We employed two-sample MR to investigate the causal relationship between genetically predicted EIF4EBP1 expression and NSCLC risk using summary statistics from the FinnGen R12 release (Supplementary Table S6). Using rs28565141 as a valid genetic instrument (F-statistic = 28.622), we found that genetically predicted higher expression of EIF4EBP1 was causally associated with an increased risk of LUAD (β_MR = 1.434, SE = 0.635, p = 0.024; OR = 4.196, 95% CI: 1.209–14.565) (Figure 8A). In contrast, no significant causal effect was observed for LUSC (β_MR = −0.130, SE = 0.692, p = 0.851; OR = 0.878, 95% CI: 0.226–3.412) (Figure 8B).
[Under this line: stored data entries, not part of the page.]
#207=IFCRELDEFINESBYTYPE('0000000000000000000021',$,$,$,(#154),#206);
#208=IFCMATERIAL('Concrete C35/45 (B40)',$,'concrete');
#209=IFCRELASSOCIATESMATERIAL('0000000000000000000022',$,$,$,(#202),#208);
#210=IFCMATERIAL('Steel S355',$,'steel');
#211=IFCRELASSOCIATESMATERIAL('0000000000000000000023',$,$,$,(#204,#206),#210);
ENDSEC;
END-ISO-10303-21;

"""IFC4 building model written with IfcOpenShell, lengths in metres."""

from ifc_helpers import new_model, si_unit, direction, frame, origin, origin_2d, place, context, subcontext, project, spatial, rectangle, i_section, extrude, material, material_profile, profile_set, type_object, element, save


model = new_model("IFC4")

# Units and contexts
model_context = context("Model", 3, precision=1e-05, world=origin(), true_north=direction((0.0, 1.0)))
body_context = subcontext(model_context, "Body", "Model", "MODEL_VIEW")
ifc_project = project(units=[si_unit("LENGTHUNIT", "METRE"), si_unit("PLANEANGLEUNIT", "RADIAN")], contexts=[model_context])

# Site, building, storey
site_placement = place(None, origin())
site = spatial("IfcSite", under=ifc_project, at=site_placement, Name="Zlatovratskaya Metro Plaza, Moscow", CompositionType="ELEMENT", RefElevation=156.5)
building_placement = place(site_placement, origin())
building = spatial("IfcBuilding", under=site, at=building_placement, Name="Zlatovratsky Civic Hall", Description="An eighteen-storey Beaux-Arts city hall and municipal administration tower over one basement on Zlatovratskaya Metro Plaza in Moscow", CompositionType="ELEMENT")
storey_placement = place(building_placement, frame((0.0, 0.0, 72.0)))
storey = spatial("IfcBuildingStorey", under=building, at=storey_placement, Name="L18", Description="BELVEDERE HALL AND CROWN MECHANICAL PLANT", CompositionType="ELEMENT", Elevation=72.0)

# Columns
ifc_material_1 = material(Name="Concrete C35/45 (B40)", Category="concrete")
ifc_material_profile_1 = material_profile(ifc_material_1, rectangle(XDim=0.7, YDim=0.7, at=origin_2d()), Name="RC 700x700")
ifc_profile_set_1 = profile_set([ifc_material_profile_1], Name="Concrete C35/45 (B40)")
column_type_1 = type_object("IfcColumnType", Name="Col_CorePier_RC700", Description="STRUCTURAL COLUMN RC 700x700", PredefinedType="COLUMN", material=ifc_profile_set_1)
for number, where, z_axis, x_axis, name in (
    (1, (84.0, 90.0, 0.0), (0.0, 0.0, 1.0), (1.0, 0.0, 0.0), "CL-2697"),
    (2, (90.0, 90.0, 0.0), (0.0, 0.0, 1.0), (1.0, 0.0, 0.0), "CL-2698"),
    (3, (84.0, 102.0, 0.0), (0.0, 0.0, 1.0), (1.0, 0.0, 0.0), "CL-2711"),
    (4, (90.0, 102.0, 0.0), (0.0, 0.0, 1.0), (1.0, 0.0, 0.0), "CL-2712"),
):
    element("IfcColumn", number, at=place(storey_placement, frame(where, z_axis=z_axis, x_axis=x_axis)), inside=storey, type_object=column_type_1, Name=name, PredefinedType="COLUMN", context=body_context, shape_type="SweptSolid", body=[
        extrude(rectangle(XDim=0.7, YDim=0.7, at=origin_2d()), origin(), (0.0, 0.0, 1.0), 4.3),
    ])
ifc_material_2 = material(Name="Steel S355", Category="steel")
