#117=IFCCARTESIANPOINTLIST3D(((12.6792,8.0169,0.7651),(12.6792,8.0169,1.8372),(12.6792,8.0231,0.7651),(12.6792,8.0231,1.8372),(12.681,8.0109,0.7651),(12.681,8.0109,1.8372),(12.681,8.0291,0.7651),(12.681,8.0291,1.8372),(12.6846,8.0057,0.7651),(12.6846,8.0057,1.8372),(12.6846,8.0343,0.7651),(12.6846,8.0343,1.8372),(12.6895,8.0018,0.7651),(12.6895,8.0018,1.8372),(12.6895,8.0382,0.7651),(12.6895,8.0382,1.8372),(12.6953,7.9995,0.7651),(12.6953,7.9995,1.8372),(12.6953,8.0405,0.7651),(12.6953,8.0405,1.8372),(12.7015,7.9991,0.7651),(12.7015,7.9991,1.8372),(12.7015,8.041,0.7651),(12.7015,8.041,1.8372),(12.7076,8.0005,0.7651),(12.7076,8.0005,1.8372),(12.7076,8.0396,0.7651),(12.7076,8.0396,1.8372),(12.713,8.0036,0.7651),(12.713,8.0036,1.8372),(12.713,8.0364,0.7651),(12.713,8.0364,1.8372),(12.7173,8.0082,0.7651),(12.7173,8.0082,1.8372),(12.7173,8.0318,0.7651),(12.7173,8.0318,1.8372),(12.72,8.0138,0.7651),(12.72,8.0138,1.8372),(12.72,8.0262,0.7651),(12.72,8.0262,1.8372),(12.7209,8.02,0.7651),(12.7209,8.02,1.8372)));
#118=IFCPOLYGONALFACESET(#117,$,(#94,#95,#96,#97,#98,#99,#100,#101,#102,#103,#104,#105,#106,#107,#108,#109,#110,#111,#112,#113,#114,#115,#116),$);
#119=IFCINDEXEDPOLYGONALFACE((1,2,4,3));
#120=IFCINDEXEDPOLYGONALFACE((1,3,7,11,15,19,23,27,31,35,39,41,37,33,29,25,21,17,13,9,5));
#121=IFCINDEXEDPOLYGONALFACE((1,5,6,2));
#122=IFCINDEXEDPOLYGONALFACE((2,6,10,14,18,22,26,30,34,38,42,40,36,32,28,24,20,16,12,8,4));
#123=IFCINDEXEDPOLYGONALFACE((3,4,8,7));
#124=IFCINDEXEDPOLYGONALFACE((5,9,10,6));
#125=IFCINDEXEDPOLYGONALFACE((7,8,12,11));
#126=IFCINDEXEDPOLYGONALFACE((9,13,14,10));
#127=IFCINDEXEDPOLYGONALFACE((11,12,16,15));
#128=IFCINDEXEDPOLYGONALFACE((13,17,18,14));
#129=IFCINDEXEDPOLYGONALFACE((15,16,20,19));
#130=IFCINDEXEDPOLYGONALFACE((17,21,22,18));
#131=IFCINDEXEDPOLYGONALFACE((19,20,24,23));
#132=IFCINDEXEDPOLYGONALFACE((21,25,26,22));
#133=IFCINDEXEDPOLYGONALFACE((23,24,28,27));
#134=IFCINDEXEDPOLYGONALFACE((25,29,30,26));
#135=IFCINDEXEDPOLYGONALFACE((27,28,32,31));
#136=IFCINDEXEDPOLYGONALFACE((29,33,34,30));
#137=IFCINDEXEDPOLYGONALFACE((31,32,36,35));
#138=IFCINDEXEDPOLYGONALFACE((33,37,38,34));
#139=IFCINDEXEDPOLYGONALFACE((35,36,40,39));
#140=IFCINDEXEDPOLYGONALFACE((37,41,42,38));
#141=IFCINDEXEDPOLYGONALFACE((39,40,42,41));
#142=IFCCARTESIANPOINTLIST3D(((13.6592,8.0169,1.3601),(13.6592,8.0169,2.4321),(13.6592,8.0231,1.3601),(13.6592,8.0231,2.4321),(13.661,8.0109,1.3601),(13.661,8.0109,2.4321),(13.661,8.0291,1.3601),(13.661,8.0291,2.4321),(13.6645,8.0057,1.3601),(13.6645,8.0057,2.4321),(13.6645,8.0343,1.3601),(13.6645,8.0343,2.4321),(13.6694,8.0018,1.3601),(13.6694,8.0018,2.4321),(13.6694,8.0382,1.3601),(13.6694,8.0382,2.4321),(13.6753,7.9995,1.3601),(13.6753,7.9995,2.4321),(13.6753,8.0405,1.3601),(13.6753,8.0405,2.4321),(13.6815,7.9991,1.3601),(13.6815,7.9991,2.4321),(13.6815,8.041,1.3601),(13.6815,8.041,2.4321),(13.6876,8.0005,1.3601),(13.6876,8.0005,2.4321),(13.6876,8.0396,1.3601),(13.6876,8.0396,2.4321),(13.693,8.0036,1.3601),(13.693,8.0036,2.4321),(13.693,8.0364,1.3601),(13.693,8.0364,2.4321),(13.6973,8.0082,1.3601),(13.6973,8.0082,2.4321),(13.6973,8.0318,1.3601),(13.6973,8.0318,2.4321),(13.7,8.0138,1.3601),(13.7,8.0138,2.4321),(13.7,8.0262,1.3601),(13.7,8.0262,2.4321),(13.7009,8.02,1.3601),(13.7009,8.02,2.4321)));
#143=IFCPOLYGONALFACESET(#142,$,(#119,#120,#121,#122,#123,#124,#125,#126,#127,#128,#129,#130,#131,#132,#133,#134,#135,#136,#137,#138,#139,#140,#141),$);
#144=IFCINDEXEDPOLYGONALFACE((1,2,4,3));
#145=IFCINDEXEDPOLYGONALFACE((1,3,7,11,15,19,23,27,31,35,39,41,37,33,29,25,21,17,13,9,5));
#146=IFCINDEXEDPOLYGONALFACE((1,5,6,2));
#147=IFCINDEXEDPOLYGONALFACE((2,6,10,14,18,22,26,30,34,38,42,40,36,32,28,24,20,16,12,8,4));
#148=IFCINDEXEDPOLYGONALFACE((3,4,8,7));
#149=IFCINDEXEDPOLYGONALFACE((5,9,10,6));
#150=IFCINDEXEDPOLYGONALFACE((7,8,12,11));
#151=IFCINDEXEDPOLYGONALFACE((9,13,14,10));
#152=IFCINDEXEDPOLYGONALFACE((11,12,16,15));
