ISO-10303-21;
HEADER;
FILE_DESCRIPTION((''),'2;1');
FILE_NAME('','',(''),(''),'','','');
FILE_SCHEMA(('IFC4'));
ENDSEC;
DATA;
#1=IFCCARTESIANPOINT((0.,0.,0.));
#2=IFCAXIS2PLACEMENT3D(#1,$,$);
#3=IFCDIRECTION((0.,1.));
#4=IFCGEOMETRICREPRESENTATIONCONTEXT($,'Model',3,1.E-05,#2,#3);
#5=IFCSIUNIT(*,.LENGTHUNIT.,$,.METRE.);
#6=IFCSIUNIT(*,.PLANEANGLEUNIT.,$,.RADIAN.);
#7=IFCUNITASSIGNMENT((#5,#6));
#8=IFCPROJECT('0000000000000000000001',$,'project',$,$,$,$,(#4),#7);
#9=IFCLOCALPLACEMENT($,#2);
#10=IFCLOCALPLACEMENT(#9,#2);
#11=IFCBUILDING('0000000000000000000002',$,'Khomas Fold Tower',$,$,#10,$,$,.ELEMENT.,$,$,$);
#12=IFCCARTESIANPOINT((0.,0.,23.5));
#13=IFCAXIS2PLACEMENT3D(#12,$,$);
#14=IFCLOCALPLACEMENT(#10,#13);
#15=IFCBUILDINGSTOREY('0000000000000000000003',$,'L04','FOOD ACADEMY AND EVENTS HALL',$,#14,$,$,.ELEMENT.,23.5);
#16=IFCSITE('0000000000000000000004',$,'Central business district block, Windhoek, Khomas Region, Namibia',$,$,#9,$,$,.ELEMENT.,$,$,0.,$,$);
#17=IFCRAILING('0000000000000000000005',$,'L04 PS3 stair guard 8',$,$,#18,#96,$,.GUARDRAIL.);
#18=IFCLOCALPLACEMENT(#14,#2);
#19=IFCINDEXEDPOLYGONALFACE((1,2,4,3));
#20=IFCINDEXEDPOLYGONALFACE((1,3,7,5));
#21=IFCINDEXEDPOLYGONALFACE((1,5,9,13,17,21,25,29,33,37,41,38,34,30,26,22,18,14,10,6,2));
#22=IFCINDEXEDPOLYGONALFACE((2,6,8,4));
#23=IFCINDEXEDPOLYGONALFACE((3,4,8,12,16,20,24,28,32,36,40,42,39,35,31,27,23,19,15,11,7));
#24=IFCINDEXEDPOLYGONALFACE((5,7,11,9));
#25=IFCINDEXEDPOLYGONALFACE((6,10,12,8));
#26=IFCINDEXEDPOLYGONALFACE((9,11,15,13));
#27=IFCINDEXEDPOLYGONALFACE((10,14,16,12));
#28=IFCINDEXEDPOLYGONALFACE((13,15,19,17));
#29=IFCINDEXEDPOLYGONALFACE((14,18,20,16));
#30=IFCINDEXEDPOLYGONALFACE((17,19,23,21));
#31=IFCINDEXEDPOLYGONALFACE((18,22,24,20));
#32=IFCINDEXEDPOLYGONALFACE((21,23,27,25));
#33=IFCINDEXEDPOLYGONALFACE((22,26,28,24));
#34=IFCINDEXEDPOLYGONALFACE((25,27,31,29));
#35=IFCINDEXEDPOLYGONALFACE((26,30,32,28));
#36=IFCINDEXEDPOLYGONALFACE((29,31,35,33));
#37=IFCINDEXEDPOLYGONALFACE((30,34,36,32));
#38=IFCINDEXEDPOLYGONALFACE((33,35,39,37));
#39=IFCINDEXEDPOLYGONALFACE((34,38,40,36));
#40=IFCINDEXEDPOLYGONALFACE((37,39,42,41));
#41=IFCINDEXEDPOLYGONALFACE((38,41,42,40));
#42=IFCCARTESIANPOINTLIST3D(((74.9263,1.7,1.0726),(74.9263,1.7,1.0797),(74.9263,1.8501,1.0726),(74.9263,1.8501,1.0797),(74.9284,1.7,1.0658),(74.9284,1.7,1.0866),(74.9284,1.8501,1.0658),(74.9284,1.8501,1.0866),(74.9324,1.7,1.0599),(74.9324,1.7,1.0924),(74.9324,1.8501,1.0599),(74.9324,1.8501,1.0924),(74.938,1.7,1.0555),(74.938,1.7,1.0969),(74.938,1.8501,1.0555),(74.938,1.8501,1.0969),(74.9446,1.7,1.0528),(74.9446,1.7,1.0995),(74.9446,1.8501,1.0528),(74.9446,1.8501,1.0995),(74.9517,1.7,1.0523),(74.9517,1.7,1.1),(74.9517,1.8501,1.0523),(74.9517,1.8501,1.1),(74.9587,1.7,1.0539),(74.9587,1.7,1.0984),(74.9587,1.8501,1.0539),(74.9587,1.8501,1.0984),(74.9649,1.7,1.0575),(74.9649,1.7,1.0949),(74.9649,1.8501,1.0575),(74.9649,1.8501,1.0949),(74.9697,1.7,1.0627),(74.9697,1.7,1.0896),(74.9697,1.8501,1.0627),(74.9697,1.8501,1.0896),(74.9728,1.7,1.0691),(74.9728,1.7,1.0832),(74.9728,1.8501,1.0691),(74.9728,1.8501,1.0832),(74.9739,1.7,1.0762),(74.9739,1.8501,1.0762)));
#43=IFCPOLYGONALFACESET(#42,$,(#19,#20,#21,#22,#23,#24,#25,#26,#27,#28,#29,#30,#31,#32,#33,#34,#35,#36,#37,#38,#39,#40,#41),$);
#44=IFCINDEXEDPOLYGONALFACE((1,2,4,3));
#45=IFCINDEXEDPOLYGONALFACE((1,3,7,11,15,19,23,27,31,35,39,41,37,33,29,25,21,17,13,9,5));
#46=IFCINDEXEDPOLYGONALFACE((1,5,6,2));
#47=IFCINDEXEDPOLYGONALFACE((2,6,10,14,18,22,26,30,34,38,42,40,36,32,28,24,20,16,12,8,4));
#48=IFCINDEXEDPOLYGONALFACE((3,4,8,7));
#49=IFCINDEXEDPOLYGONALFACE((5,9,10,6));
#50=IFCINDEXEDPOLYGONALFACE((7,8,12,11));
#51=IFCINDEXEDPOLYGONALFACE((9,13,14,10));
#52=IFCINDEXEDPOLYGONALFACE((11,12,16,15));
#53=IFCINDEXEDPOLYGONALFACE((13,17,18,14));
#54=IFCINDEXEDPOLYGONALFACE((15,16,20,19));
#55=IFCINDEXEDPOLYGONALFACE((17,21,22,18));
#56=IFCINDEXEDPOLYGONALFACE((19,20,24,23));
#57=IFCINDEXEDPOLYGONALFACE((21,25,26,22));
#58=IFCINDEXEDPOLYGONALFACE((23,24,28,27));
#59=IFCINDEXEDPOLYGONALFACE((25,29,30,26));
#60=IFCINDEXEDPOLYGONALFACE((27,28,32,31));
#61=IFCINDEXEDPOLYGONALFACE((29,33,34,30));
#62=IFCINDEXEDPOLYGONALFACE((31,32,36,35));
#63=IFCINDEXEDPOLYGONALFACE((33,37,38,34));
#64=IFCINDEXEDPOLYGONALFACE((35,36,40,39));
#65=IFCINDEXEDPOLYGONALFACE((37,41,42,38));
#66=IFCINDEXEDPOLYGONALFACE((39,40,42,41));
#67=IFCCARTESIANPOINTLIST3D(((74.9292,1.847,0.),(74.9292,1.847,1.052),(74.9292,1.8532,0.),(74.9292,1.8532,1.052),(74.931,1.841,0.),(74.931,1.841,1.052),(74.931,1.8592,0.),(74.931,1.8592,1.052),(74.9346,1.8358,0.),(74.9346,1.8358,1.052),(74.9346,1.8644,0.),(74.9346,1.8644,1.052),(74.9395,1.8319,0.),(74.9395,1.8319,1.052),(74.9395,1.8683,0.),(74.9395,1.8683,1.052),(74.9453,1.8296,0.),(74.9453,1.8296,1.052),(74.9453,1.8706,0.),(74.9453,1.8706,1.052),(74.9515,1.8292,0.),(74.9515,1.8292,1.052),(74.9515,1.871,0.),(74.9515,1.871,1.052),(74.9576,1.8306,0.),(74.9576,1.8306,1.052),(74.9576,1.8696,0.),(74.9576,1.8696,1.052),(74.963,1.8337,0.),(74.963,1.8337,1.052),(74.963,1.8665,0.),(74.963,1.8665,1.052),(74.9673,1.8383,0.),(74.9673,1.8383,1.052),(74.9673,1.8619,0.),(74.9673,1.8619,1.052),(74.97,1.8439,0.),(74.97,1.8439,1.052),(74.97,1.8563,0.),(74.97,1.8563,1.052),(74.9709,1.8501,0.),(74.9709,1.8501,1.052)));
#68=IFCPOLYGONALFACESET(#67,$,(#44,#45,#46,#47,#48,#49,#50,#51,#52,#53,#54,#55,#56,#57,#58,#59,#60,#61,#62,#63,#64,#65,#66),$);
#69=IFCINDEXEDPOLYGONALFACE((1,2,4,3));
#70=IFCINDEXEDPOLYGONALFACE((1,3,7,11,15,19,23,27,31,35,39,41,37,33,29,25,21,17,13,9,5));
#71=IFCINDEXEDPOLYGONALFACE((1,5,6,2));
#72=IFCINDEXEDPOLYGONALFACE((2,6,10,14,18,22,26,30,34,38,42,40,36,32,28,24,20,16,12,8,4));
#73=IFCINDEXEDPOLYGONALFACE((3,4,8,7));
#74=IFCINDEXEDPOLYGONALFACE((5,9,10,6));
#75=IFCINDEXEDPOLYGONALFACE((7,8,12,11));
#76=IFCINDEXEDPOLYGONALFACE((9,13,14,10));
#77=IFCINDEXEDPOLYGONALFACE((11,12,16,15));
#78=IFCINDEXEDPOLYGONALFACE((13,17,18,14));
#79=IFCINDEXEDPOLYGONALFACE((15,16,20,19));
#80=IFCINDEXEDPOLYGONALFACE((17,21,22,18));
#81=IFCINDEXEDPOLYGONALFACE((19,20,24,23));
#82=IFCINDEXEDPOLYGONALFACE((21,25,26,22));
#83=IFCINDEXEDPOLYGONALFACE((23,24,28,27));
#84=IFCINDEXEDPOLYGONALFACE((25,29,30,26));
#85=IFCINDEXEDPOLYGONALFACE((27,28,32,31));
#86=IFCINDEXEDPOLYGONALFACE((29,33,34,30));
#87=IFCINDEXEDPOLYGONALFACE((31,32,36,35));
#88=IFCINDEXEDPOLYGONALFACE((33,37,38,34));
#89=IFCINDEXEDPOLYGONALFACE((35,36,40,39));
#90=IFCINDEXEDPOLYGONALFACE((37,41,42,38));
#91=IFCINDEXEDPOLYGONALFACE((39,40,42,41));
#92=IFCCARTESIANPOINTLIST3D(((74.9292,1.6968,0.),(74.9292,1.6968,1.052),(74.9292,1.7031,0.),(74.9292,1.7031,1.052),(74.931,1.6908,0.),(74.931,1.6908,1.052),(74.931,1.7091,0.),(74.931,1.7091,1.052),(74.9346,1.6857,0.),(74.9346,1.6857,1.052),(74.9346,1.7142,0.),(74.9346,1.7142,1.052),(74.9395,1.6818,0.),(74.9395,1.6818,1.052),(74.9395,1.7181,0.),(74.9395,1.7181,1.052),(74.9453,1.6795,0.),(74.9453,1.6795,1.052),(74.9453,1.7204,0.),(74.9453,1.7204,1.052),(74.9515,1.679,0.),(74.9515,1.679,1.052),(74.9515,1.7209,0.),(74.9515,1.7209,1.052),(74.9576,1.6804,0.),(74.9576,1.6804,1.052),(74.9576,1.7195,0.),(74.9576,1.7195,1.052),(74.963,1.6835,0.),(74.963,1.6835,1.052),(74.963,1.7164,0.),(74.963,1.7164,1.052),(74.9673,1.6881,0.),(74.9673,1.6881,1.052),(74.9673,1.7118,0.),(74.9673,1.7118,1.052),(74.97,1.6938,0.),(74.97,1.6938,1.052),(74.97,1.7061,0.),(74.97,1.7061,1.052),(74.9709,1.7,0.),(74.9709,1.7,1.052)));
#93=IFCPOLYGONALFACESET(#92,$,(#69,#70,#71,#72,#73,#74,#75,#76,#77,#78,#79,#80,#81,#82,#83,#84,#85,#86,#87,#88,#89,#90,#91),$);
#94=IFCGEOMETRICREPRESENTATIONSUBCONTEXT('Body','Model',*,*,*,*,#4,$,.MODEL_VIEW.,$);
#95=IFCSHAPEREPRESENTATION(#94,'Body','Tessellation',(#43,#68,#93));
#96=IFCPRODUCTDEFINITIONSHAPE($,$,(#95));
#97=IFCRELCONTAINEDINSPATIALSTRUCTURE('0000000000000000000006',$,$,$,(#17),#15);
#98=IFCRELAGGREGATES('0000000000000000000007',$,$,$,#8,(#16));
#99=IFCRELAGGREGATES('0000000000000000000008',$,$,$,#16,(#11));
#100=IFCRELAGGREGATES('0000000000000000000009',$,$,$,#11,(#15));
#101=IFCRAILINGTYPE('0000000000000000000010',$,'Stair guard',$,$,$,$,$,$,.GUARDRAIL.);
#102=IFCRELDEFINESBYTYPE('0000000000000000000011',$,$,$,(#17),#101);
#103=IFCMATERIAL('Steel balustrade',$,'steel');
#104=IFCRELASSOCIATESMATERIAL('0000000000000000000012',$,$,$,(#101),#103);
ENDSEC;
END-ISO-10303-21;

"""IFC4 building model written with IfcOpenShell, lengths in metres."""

from ifc_helpers import new_model, si_unit, direction, frame, origin, origin_2d, place, context, subcontext, project, spatial, circle, extrude, source, transform, mapped, material, type_object, element, save


model = new_model("IFC4")

# Units and contexts
model_context = context("Model", 3, precision=1e-05, world=origin(), true_north=direction((0.0, 1.0)))
body_context = subcontext(model_context, "Body", "Model", "MODEL_VIEW")
ifc_project = project(units=[si_unit("LENGTHUNIT", "METRE"), si_unit("PLANEANGLEUNIT", "RADIAN")], contexts=[model_context])

# Site, building, storey
site_placement = place(None, origin())
site = spatial("IfcSite", under=ifc_project, at=site_placement, Name="Central business district block, Windhoek, Khomas Region, Namibia", CompositionType="ELEMENT", RefElevation=0.0)
building_placement = place(site_placement, origin())
building = spatial("IfcBuilding", under=site, at=building_placement, Name="Khomas Fold Tower", CompositionType="ELEMENT")
storey_placement = place(building_placement, frame((0.0, 0.0, 23.5)))
storey = spatial("IfcBuildingStorey", under=building, at=storey_placement, Name="L04", Description="FOOD ACADEMY AND EVENTS HALL", CompositionType="ELEMENT", Elevation=23.5)

# Railing
ifc_material_1 = material(Name="Steel balustrade", Category="steel")
railing_type_1 = type_object("IfcRailingType", Name="Stair guard", PredefinedType="GUARDRAIL", material=ifc_material_1)
shared_shape_1 = source(origin(), body_context, "Body", "SweptSolid", [
    extrude(circle(Radius=0.0239, at=origin_2d()), frame((0.0, 0.0, 1.0762), z_axis=(0.0, -1.0, 0.0), x_axis=(1.0, 0.0, 0.0)), (0.0, 0.0, 1.0), 0.1501),
    extrude(circle(Radius=0.021, at=origin_2d()), origin(), (0.0, 0.0, 1.0), 1.052),
    extrude(circle(Radius=0.021, at=origin_2d()), frame((0.0, -0.1501, 0.0)), (0.0, 0.0, 1.0), 1.052),
])
for number, where, name in (
    (1, (74.95, 1.8501, 0.0), "L04 PS3 stair guard 8"),
):
    element("IfcRailing", number, at=place(storey_placement, frame(where)), inside=storey, type_object=railing_type_1, Name=name, PredefinedType="GUARDRAIL", context=body_context, shape_type="MappedRepresentation", body=[
        mapped(shared_shape_1, transform((0.0, 0.0, 0.0))),
    ])

save(model, "model.ifc")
These findings provide genetic support consistent with a subtype-specific association, implicating EIF4EBP1 as a candidate contributor to LUAD risk.

To assess the structural basis of the direct PFOS-EIF4EBP1 interaction, we performed molecular docking simulations. PFOS was predicted to occupy a shallow groove on the EIF4EBP1 surface, adopting an extended conformation stabilized by a mixture of hydrophobic and polar residues (Figure 9A).

Detailed analysis of the binding interface revealed a network of stabilizing interactions (Figures 9B, 10). The terminal polar group of PFOS forms critical hydrogen bonds with the side-chain amide of Gln187, the carboxylate of Asp44A, and the amine of Lys88A (H-bond distances 1.9–3.1 Å). Notably, the interaction with Lys88A exhibits partial salt-bridge character. Beyond polar contacts, the hydrophobic fluoroalkyl tail of PFOS engages in extensive van der Waals interactions and parallel π–π stacking with the indole rings of Trp43A and Trp89A. This cooperative network of hydrogen bonds, hydrophobic contacts, and stacking interactions suggests that PFOS can form a stable, non-covalent complex with EIF4EBP1, potentially modulating its functional state.

Integrating the findings from multi-omic analyses, we constructed a putative AOP linking chronic PFOS exposure to NSCLC pathogenesis. In this framework, the molecular initiating event (MIE) involves the direct binding of PFOS to core targets such as EIF4EBP1. This interaction is hypothesized to elicit downstream key events (KEs), potentially culminating in NSCLC initiation/progression and therapy resistance. These molecular and pathway-level changes propagate to cellular responses, specifically the remodeling of the tumor immune microenvironment toward a dysregulated adaptive state. Collectively, this cascade of events culminates in the adverse outcome (AO) of NSCLC initiation, progression, and potential therapy resistance (Figure 11).